The British twenty pound piece (£20) is a commemorative denomination of sterling coinage, first issued by the Royal Mint in 2013. It has a nominal value of twenty pounds. It is minted with over 99% silver. Twenty pound coins are legal tender in unlimited amounts, but are intended as souvenirs and are almost never seen in general circulation.

==Design==
The designs that have appeared on the twenty pound coin's reverse are summarised in the table below.

=== Welsh Dragon £20 ===
From 2016 to 2020, the Royal Mint produced a Welsh Dragon £20 coin against a backdrop of the visitor centre at the Royal Mint Experience. Some of these years have been accompanied by the same coin on a backdrop of the Welsh flag. The visitor centre coin could only be purchased at the shop.

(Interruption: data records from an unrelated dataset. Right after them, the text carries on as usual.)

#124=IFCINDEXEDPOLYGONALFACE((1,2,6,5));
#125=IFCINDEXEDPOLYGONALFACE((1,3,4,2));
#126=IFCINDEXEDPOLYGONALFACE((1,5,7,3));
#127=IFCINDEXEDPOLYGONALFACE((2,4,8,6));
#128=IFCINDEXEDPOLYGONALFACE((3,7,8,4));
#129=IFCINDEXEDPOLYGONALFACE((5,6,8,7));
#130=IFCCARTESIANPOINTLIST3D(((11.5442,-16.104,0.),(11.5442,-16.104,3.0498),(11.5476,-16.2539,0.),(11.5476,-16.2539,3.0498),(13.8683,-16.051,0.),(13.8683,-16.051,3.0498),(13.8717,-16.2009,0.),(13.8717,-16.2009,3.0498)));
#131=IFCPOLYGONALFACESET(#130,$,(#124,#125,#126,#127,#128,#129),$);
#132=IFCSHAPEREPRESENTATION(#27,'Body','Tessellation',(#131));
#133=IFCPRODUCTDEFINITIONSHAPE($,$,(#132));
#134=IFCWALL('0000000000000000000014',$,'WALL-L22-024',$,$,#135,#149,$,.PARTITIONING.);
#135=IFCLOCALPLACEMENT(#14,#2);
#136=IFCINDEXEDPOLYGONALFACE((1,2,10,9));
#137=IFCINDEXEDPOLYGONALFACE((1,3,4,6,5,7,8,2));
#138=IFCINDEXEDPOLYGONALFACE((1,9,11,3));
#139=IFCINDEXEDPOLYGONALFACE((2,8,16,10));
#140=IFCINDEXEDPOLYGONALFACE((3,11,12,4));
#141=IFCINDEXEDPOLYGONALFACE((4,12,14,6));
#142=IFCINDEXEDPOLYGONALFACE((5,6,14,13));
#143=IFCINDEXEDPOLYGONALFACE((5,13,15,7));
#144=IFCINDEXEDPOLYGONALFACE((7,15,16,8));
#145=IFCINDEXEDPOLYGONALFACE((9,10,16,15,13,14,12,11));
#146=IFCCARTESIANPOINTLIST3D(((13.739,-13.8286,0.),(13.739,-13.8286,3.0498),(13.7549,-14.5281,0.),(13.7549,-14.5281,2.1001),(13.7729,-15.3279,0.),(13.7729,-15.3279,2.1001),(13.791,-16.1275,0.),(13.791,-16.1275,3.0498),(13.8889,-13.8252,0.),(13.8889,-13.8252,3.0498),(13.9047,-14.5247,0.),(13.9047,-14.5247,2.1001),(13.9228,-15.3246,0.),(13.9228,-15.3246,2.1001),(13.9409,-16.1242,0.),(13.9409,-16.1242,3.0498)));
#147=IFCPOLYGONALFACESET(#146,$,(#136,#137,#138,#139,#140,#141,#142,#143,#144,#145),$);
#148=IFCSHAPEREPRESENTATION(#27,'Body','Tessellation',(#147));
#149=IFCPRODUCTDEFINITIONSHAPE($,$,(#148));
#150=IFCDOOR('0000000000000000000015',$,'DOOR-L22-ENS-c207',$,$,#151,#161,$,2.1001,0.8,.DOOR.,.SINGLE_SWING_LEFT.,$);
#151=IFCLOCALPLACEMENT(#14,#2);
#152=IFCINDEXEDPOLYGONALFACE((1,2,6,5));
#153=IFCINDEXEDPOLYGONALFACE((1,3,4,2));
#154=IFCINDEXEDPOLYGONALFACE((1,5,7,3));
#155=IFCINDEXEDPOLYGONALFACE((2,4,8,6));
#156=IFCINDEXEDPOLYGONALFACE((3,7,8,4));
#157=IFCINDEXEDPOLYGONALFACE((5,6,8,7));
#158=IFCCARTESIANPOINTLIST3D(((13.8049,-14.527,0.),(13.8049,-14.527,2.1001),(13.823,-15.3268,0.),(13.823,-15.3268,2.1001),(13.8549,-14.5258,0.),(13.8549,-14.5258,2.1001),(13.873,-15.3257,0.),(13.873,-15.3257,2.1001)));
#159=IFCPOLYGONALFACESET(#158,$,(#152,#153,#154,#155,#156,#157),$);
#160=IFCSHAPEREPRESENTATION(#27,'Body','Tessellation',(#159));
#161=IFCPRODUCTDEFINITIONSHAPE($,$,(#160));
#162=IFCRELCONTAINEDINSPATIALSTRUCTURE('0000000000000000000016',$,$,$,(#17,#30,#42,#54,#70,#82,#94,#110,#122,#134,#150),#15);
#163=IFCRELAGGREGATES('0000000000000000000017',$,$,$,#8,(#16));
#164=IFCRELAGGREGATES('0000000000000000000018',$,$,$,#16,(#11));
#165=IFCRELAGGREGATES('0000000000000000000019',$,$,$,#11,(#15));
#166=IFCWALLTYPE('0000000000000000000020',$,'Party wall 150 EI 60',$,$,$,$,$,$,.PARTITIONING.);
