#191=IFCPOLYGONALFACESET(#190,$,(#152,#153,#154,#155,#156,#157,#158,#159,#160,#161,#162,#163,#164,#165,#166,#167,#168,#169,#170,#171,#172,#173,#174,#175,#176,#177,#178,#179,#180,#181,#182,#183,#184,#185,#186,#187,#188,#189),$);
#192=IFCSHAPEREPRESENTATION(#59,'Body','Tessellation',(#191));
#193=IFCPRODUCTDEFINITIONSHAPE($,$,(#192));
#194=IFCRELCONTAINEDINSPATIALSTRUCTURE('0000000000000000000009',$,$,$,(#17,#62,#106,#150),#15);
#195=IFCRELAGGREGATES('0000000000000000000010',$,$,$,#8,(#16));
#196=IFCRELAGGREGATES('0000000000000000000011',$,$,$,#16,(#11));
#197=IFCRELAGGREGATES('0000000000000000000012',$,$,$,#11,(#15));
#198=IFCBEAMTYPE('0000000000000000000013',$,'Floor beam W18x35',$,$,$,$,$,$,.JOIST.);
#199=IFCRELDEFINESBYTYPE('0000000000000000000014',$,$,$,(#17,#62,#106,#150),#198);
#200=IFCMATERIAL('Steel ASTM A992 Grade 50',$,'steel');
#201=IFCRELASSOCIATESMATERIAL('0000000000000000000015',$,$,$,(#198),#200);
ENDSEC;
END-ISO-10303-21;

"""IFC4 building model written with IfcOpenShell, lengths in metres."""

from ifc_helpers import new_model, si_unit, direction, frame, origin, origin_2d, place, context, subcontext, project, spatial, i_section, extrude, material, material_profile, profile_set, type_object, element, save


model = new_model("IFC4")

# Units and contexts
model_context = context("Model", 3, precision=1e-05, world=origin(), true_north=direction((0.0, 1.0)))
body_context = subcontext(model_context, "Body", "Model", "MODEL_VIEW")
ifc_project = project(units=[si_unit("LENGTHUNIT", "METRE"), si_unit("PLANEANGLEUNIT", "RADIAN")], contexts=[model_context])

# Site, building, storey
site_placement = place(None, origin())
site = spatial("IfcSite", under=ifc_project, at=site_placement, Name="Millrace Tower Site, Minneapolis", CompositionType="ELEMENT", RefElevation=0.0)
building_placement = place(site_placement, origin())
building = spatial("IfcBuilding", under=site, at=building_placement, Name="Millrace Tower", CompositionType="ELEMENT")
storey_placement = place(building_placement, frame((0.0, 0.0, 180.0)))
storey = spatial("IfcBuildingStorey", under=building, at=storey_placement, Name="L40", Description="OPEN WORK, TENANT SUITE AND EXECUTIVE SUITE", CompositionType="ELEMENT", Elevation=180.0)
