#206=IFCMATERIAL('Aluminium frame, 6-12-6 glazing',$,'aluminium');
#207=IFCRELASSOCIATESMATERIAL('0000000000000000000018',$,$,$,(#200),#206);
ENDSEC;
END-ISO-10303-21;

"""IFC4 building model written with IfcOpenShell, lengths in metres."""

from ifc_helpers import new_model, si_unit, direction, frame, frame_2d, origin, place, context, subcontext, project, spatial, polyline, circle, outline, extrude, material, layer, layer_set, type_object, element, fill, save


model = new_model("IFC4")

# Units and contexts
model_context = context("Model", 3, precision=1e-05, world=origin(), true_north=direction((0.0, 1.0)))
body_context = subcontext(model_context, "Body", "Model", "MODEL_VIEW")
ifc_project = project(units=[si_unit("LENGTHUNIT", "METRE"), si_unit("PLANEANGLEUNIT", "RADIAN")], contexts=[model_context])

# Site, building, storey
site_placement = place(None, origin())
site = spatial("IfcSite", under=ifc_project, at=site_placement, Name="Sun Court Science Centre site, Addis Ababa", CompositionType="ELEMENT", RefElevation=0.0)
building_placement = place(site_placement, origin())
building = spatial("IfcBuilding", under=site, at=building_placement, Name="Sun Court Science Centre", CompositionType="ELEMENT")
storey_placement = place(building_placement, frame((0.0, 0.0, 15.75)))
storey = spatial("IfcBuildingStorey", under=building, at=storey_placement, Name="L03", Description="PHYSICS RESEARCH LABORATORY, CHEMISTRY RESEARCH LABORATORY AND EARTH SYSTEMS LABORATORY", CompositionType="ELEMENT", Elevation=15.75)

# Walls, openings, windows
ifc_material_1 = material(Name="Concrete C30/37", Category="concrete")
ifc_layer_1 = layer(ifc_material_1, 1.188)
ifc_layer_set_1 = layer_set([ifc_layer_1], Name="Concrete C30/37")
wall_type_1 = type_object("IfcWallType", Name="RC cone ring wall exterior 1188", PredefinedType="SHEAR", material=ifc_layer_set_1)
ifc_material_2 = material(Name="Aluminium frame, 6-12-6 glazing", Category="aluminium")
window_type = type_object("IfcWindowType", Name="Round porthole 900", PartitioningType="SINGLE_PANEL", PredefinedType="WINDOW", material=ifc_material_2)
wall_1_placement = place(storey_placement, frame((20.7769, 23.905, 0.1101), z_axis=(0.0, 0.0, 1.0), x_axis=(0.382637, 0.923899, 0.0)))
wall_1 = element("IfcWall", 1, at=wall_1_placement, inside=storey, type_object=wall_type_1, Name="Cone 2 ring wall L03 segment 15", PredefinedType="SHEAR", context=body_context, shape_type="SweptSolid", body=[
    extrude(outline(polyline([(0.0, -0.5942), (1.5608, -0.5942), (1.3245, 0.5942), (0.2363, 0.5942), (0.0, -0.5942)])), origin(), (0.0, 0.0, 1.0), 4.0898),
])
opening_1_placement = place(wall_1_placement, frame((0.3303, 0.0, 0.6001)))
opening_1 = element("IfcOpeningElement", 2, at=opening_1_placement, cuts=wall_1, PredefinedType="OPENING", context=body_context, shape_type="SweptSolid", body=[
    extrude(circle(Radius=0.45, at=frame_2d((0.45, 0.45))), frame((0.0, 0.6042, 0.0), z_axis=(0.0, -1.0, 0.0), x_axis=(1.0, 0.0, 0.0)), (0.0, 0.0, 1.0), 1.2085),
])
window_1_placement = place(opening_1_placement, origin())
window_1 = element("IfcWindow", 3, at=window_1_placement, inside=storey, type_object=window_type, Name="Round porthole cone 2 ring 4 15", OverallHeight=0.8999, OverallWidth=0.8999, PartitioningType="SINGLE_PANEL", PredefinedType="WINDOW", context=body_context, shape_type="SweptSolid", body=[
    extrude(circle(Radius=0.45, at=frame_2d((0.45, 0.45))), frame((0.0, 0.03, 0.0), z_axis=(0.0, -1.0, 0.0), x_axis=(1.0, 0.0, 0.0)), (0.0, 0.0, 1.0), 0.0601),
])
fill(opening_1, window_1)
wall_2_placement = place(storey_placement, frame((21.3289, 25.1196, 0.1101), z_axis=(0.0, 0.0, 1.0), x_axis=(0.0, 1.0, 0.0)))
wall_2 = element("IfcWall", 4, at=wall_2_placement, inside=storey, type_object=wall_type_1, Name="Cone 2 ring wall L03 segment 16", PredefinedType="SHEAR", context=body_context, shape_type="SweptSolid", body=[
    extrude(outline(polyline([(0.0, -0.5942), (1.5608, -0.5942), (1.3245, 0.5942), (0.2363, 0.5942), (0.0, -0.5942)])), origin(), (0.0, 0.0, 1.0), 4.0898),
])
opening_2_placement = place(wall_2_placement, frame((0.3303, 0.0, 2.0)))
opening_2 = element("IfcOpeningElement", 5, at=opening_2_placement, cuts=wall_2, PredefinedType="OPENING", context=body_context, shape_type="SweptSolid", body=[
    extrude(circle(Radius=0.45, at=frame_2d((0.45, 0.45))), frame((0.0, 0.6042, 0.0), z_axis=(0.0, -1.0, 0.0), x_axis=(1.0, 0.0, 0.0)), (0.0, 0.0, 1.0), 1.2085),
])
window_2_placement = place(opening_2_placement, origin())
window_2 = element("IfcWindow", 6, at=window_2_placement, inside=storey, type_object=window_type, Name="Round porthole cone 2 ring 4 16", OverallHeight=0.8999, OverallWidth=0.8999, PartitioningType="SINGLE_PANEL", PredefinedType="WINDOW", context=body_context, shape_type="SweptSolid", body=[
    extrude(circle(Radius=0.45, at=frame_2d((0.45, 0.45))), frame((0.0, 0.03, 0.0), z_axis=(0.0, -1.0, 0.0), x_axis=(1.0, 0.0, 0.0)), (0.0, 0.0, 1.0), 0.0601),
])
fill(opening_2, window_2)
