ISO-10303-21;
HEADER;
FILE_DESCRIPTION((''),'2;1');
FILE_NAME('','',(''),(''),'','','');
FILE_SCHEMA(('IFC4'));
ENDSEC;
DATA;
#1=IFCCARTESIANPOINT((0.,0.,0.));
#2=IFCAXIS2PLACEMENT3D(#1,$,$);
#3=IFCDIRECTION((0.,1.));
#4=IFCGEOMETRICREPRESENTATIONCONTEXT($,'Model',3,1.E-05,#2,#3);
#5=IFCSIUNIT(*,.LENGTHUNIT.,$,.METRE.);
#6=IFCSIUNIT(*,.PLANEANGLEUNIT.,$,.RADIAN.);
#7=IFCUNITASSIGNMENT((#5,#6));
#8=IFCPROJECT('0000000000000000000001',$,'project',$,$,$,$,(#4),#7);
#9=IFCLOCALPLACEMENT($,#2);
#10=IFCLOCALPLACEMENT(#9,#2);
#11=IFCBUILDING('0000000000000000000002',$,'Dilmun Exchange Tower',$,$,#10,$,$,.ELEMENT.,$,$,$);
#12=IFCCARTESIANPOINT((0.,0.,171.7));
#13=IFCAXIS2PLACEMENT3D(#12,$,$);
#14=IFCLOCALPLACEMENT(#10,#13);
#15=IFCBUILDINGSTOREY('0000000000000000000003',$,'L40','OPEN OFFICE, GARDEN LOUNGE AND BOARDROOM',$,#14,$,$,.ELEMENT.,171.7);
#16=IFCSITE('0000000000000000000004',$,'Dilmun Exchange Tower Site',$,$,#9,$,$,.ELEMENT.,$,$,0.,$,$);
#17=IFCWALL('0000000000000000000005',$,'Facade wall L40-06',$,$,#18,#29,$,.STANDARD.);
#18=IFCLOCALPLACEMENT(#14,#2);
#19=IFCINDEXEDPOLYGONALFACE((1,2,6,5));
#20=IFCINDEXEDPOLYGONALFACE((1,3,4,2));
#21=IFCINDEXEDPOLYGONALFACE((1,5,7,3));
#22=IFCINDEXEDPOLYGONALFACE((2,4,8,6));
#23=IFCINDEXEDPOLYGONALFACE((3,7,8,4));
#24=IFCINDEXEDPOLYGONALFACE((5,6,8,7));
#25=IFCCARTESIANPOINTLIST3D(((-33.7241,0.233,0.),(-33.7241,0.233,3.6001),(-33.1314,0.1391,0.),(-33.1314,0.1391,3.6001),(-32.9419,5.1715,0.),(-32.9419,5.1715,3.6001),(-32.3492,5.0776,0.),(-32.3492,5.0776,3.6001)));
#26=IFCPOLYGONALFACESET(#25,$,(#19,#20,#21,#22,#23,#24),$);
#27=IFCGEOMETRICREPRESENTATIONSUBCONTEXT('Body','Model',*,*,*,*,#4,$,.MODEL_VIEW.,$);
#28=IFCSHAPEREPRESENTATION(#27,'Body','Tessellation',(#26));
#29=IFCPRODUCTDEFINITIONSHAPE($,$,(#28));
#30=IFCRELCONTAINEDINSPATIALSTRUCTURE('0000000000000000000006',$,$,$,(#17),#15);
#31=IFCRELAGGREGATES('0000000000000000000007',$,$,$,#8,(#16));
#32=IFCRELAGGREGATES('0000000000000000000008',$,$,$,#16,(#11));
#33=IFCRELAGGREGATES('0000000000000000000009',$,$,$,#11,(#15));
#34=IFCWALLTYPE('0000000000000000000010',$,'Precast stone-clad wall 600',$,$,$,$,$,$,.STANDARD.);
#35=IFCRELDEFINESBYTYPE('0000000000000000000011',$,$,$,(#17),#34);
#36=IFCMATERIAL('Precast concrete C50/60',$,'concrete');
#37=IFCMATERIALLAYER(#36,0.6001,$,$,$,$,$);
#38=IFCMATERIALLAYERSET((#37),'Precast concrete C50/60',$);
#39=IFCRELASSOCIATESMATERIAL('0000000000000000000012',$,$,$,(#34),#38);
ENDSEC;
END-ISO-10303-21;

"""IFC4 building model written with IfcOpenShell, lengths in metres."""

from ifc_helpers import new_model, si_unit, direction, frame, frame_2d, origin, place, context, subcontext, project, spatial, rectangle, extrude, material, layer, layer_set, type_object, element, save


model = new_model("IFC4")

# Units and contexts
model_context = context("Model", 3, precision=1e-05, world=origin(), true_north=direction((0.0, 1.0)))
body_context = subcontext(model_context, "Body", "Model", "MODEL_VIEW")
ifc_project = project(units=[si_unit("LENGTHUNIT", "METRE"), si_unit("PLANEANGLEUNIT", "RADIAN")], contexts=[model_context])

# Site, building, storey
site_placement = place(None, origin())
site = spatial("IfcSite", under=ifc_project, at=site_placement, Name="Dilmun Exchange Tower Site", CompositionType="ELEMENT", RefElevation=0.0)
building_placement = place(site_placement, origin())
building = spatial("IfcBuilding", under=site, at=building_placement, Name="Dilmun Exchange Tower", CompositionType="ELEMENT")
storey_placement = place(building_placement, frame((0.0, 0.0, 171.7)))
storey = spatial("IfcBuildingStorey", under=building, at=storey_placement, Name="L40", Description="OPEN OFFICE, GARDEN LOUNGE AND BOARDROOM", CompositionType="ELEMENT", Elevation=171.7)

# Wall
ifc_material_1 = material(Name="Precast concrete C50/60", Category="concrete")
ifc_layer_1 = layer(ifc_material_1, 0.6001)
ifc_layer_set_1 = layer_set([ifc_layer_1], Name="Precast concrete C50/60")
wall_type_1 = type_object("IfcWallType", Name="Precast stone-clad wall 600", PredefinedType="STANDARD", material=ifc_layer_set_1)
wall_1_placement = place(storey_placement, frame((-32.6455, 5.1245, 0.0), z_axis=(0.0, 0.0, 1.0), x_axis=(-0.156444, -0.987687, 0.0)))
element("IfcWall", 1, at=wall_1_placement, inside=storey, type_object=wall_type_1, Name="Facade wall L40-06", PredefinedType="STANDARD", context=body_context, shape_type="SweptSolid", body=[
    extrude(rectangle(XDim=5.0, YDim=0.6001, at=frame_2d((2.5, 0.0))), origin(), (0.0, 0.0, 1.0), 3.6001),
])

save(model, "model.ifc")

| Year | Event | Design | Edge Inscription | Designer |
| 2013 | – | Saint George and the Dragon | Milled | Benedetto Pistrucci |
| 2014 | The 100th anniversary of the outbreak of the First World War | Britannia and a lion on the left-hand side with warships in the background. An inscription above and to the right reads THE FIRST WORLD WAR, and below and to the left of that the dates 1914-1918 | John Bergdahl |
| 2015 | The 50th anniversary of Sir Winston Churchill's death | Winston Churchill | Etienne Millner |
| The Longest Reigning Monarch | The five portraits of Queen Elizabeth II to appear on British coinage above the words "EIIR The Longest Reign" | Stephen Taylor |
| 2016 | 90th Birthday of Queen Elizabeth II | The royal cypher wreathed and crowned, all surrounded by roses | Christopher Hobbs |
| Welsh Dragon Celebration | The Welsh dragon | Norman Sillman |
| Christmas | The nativity | Gregory Cameron |
| 2017 | Platinum Wedding Anniversary of Queen Elizabeth II and Prince Philip | Equestrian portrait of the Queen and Prince Philip | John Bergdahl |
| 2019 | Welsh Dragon Celebration | The Welsh dragon | Norman Sillman |

== Legal tender status ==

The prolific issuance since 2013 of silver commemorative £20, £50, and £100 coins at face value has led to attempts to spend or deposit these coins, prompting the Royal Mint to clarify the legal tender status of these silver coins.
Royal Mint guidelines advise that they are considered to be limited edition collectables and are not intended for general circulation, despite still being legal tender.

== See also==
- Fifty pounds (British coin)
- One hundred pounds (British coin)
- Five pounds (British coin)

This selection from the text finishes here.